梅雨の季節が明け始めそうな今日この頃、みなさまいかがお過ごしでしょうか。

はじめまして。クリエイティブ部の加倉井です。
晴れぬ空と襲い来る湿気に、心も生活もよどみがちになってしまうこの時期ですが、私にはひとつの楽しみがあります。

それは、梅酒を漬けること。

梅雨の語源には諸説あり、『梅が熟す時期に雨季がくるから』が一説としてあげられています。
毎年この時期を見計らって、松嶋(チェックチーム)、降旗(マーケティング部)、そして加倉井の梅酒部3人は

「今年も梅酒を漬けようか。」

と、密かに計画しているのです。
 

ことの始まりは5年前

ことの発端は2012年(5年前)に遡ります。

始めは上村(プロデュース部)の発案でした。
当時は上村と降旗で保存瓶、ホワイトリカー、氷砂糖を用意したものの、計画は何故だか実行されなかったそうです。

それから2年の歳月が経った2014年。
松嶋の声によって、眠っていた瓶やホワイトリカーは息を吹き返したのです。
当時は松嶋と降旗と齊藤(チェックチーム)の3人で、土曜日に集まり仕込みを行いました。

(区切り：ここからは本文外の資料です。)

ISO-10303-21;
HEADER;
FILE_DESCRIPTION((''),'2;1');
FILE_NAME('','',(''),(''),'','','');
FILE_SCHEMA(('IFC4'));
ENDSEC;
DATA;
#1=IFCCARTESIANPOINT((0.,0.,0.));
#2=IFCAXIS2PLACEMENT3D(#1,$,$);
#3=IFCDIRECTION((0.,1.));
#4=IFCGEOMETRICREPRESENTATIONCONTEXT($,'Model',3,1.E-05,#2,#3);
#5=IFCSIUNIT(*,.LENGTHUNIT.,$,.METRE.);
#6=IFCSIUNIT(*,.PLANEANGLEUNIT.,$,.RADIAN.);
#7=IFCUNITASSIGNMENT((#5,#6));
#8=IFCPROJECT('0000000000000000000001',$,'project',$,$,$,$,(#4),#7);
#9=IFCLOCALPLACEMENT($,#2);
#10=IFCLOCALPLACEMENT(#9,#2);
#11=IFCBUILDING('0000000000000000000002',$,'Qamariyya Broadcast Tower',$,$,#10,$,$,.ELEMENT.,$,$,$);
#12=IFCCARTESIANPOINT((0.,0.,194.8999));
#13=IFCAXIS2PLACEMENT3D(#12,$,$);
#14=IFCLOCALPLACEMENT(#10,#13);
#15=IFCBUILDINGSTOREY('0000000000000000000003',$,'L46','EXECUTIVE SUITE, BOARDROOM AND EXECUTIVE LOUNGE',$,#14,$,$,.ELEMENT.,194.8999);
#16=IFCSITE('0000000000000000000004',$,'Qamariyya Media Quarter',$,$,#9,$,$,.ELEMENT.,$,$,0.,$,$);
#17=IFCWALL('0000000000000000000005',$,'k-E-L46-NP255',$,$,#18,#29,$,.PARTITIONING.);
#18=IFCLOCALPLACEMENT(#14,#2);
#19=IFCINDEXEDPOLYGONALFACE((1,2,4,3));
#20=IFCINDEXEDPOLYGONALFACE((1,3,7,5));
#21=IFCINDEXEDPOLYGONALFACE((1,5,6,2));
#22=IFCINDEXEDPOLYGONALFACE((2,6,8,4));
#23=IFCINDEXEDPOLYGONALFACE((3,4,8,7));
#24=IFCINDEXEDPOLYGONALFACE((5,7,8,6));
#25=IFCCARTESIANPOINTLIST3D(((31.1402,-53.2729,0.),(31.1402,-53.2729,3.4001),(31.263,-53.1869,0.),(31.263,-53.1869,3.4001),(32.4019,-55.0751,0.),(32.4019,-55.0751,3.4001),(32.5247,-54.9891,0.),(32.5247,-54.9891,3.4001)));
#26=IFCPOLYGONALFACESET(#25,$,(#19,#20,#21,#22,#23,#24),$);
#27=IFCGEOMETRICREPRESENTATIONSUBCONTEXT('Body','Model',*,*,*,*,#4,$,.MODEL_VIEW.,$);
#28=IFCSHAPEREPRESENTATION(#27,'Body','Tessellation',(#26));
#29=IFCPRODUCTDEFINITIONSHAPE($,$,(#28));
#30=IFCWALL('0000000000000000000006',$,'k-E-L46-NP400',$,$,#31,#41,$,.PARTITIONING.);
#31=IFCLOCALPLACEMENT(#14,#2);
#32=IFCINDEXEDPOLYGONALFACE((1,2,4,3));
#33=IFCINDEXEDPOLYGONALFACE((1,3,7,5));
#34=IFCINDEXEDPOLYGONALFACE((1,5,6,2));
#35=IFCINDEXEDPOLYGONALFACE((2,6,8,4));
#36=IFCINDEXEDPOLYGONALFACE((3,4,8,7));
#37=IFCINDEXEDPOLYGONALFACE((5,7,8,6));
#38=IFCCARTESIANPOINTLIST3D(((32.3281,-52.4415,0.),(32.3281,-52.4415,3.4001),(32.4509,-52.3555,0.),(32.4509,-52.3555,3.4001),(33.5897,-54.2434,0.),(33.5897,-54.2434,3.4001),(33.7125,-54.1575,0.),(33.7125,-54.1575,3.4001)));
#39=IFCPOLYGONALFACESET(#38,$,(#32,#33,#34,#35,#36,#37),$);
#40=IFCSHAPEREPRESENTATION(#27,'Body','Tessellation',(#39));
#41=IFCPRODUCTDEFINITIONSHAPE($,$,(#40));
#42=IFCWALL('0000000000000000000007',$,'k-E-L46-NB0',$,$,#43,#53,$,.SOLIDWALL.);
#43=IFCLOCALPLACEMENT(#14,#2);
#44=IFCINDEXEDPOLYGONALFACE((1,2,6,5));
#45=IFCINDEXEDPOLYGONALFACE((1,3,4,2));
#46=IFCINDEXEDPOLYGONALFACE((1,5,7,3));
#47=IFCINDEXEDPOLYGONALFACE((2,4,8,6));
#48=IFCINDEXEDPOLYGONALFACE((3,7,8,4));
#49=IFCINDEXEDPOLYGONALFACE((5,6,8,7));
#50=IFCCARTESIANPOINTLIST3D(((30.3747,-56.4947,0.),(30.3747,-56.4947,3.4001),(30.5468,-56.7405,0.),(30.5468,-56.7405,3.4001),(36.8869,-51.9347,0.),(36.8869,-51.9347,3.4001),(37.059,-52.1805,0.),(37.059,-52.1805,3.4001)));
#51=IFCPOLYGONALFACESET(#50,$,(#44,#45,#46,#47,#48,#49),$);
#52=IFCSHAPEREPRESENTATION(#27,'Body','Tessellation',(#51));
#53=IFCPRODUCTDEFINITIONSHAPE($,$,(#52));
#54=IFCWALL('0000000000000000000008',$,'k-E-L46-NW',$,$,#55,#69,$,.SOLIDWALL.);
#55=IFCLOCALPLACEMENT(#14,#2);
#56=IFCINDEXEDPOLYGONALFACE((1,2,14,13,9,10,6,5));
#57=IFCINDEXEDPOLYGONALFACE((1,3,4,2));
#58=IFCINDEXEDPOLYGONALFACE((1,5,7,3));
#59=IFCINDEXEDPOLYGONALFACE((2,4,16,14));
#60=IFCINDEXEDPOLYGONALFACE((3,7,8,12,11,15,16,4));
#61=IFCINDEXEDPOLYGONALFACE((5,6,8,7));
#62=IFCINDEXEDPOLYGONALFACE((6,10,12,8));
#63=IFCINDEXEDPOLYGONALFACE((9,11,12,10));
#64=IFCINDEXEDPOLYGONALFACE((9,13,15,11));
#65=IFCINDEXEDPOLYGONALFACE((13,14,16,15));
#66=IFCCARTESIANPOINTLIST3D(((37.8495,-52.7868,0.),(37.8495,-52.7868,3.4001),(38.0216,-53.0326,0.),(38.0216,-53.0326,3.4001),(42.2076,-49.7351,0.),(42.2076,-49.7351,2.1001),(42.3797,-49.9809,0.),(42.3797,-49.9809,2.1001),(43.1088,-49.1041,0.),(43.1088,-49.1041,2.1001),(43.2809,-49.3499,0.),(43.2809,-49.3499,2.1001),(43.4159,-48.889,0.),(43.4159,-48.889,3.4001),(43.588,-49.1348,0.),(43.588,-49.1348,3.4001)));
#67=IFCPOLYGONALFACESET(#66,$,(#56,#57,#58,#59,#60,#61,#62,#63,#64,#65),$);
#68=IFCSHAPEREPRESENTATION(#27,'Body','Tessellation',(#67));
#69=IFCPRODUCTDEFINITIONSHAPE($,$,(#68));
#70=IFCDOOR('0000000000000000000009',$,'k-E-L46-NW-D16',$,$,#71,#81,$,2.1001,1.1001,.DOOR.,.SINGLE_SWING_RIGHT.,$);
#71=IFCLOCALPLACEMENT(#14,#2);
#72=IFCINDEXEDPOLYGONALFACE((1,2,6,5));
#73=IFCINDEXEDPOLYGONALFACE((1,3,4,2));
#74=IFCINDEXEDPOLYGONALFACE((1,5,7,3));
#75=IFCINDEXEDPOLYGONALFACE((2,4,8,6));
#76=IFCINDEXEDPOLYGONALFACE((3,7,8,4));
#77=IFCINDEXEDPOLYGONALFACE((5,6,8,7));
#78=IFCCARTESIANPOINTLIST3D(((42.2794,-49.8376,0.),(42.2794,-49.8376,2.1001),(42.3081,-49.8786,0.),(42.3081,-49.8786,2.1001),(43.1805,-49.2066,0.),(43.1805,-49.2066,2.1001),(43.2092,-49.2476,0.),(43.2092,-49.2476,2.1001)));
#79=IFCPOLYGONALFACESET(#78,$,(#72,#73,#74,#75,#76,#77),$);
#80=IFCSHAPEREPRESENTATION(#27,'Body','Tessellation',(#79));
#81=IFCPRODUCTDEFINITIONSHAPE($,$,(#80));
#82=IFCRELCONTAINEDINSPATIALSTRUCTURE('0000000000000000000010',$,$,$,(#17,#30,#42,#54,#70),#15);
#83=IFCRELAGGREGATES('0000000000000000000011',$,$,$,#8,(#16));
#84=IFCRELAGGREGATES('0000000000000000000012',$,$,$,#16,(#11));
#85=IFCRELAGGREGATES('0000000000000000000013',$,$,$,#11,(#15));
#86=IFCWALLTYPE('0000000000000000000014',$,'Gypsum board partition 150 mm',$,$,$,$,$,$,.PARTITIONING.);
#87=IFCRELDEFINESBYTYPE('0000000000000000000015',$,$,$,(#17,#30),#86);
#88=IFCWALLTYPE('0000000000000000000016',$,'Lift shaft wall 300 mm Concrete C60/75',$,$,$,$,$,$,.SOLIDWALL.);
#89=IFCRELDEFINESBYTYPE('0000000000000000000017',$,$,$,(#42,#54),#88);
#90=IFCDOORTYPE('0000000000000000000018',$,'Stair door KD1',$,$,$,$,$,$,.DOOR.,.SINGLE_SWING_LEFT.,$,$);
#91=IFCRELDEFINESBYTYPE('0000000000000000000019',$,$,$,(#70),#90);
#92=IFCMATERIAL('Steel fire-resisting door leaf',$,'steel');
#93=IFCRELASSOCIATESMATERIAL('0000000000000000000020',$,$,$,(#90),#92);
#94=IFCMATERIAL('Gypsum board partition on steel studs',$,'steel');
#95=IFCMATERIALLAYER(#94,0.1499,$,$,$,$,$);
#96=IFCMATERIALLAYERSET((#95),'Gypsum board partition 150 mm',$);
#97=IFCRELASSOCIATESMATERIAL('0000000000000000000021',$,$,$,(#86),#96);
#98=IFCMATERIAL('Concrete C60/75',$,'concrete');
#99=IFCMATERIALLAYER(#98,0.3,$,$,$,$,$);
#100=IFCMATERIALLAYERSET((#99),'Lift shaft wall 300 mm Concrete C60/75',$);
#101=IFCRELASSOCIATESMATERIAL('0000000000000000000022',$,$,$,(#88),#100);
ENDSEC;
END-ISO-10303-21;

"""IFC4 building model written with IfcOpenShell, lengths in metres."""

from ifc_helpers import new_model, si_unit, direction, frame, frame_2d, origin, place, context, subcontext, project, spatial, rectangle, extrude, material, layer, layer_set, type_object, element, fill, save


model = new_model("IFC4")

# Units and contexts
model_context = context("Model", 3, precision=1e-05, world=origin(), true_north=direction((0.0, 1.0)))
body_context = subcontext(model_context, "Body", "Model", "MODEL_VIEW")
ifc_project = project(units=[si_unit("LENGTHUNIT", "METRE"), si_unit("PLANEANGLEUNIT", "RADIAN")], contexts=[model_context])

# Site, building, storey
site_placement = place(None, origin())
site = spatial("IfcSite", under=ifc_project, at=site_placement, Name="Qamariyya Media Quarter", CompositionType="ELEMENT", RefElevation=0.0)
building_placement = place(site_placement, origin())
building = spatial("IfcBuilding", under=site, at=building_placement, Name="Qamariyya Broadcast Tower", CompositionType="ELEMENT")
storey_placement = place(building_placement, frame((0.0, 0.0, 194.8999)))
storey = spatial("IfcBuildingStorey", under=building, at=storey_placement, Name="L46", Description="EXECUTIVE SUITE, BOARDROOM AND EXECUTIVE LOUNGE", CompositionType="ELEMENT", Elevation=194.8999)

# Shared definitions
ifc_material_1 = material(Name="Concrete C60/75", Category="concrete")

# Shared definitions
ifc_material_2 = material(Name="Steel fire-resisting door leaf", Category="steel")
door_type_1 = type_object("IfcDoorType", Name="Stair door KD1", OperationType="SINGLE_SWING_LEFT", PredefinedType="DOOR", material=ifc_material_2)

# Walls
ifc_material_3 = material(Name="Gypsum board partition on steel studs", Category="steel")
ifc_layer_1 = layer(ifc_material_3, 0.1499)
ifc_layer_set_1 = layer_set([ifc_layer_1], Name="Gypsum board partition 150 mm")
wall_type_1 = type_object("IfcWallType", Name="Gypsum board partition 150 mm", PredefinedType="PARTITIONING", material=ifc_layer_set_1)
wall_1_placement = place(storey_placement, frame((32.4634, -55.0322, 0.0), z_axis=(0.0, 0.0, 1.0), x_axis=(-0.573507, 0.819201, 0.0)))
element("IfcWall", 1, at=wall_1_placement, inside=storey, type_object=wall_type_1, Name="k-E-L46-NP255", PredefinedType="PARTITIONING", context=body_context, shape_type="SweptSolid", body=[
    extrude(rectangle(XDim=2.2, YDim=0.1499, at=frame_2d((1.1001, 0.0))), origin(), (0.0, 0.0, 1.0), 3.4001),
])
wall_2_placement = place(storey_placement, frame((33.6511, -54.2004, 0.0), z_axis=(0.0, 0.0, 1.0), x_axis=(-0.573559, 0.819164, 0.0)))
element("IfcWall", 2, at=wall_2_placement, inside=storey, type_object=wall_type_1, Name="k-E-L46-NP400", PredefinedType="PARTITIONING", context=body_context, shape_type="SweptSolid", body=[
    extrude(rectangle(XDim=2.1997, YDim=0.1499, at=frame_2d((1.0999, 0.0))), origin(), (0.0, 0.0, 1.0), 3.4001),
])
ifc_layer_2 = layer(ifc_material_1, 0.3)
ifc_layer_set_2 = layer_set([ifc_layer_2], Name="Lift shaft wall 300 mm Concrete C60/75")
wall_type_2 = type_object("IfcWallType", Name="Lift shaft wall 300 mm Concrete C60/75", PredefinedType="SOLIDWALL", material=ifc_layer_set_2)
wall_3_placement = place(storey_placement, frame((30.4607, -56.6177, 0.0), z_axis=(0.0, 0.0, 1.0), x_axis=(0.819142, 0.57359, 0.0)))
element("IfcWall", 3, at=wall_3_placement, inside=storey, type_object=wall_type_2, Name="k-E-L46-NB0", PredefinedType="SOLIDWALL", context=body_context, shape_type="SweptSolid", body=[
    extrude(rectangle(XDim=7.95, YDim=0.3, at=frame_2d((3.9751, 0.0))), origin(), (0.0, 0.0, 1.0), 3.4001),
])

# Wall, opening, door
wall_4_placement = place(storey_placement, frame((37.9355, -52.9097, 0.0), z_axis=(0.0, 0.0, 1.0), x_axis=(0.819148, 0.573583, 0.0)))
wall_4 = element("IfcWall", 4, at=wall_4_placement, inside=storey, type_object=wall_type_2, Name="k-E-L46-NW", PredefinedType="SOLIDWALL", context=body_context, shape_type="SweptSolid", body=[
    extrude(rectangle(XDim=6.7954, YDim=0.3, at=frame_2d((3.3977, 0.0))), origin(), (0.0, 0.0, 1.0), 3.4001),
])
opening_1_placement = place(wall_4_placement, frame((5.3203, 0.0, 0.0)))
opening_1 = element("IfcOpeningElement", 5, at=opening_1_placement, cuts=wall_4, PredefinedType="OPENING", context=body_context, shape_type="SweptSolid", body=[
    extrude(rectangle(XDim=1.1001, YDim=2.1001, at=frame_2d((0.55, 1.05))), frame((0.0, 0.1599, 0.0), z_axis=(0.0, -1.0, 0.0), x_axis=(1.0, 0.0, 0.0)), (0.0, 0.0, 1.0), 0.3201),
])
door_1_placement = place(opening_1_placement, origin())
door_1 = element("IfcDoor", 6, at=door_1_placement, inside=storey, type_object=door_type_1, Name="k-E-L46-NW-D16", OperationType="SINGLE_SWING_RIGHT", OverallHeight=2.1001, OverallWidth=1.1001, PredefinedType="DOOR", context=body_context, shape_type="SweptSolid", body=[
    extrude(rectangle(XDim=1.1001, YDim=2.1001, at=frame_2d((0.55, 1.05))), frame((0.0, 0.0249, 0.0), z_axis=(0.0, -1.0, 0.0), x_axis=(1.0, 0.0, 0.0)), (0.0, 0.0, 1.0), 0.05),
])
fill(opening_1, door_1)

save(model, "model.ifc")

初代梅酒。ホワイトリカーで3600mlの梅酒を漬けました。

またそれから11ヶ月が経ち、2015年の5月。
その初代梅酒を振舞っていたのが、「Bar Monosus」です。
「Bar Monosus」とは、仕事終わりで疲れた社員たちの為に、会社の片隅で不定期に開店されるものさす伝統のBarで、元バーテン龍田(マーケティング部 部長)、坂本(マーケティング部 営業)を中心に有志で開催されています。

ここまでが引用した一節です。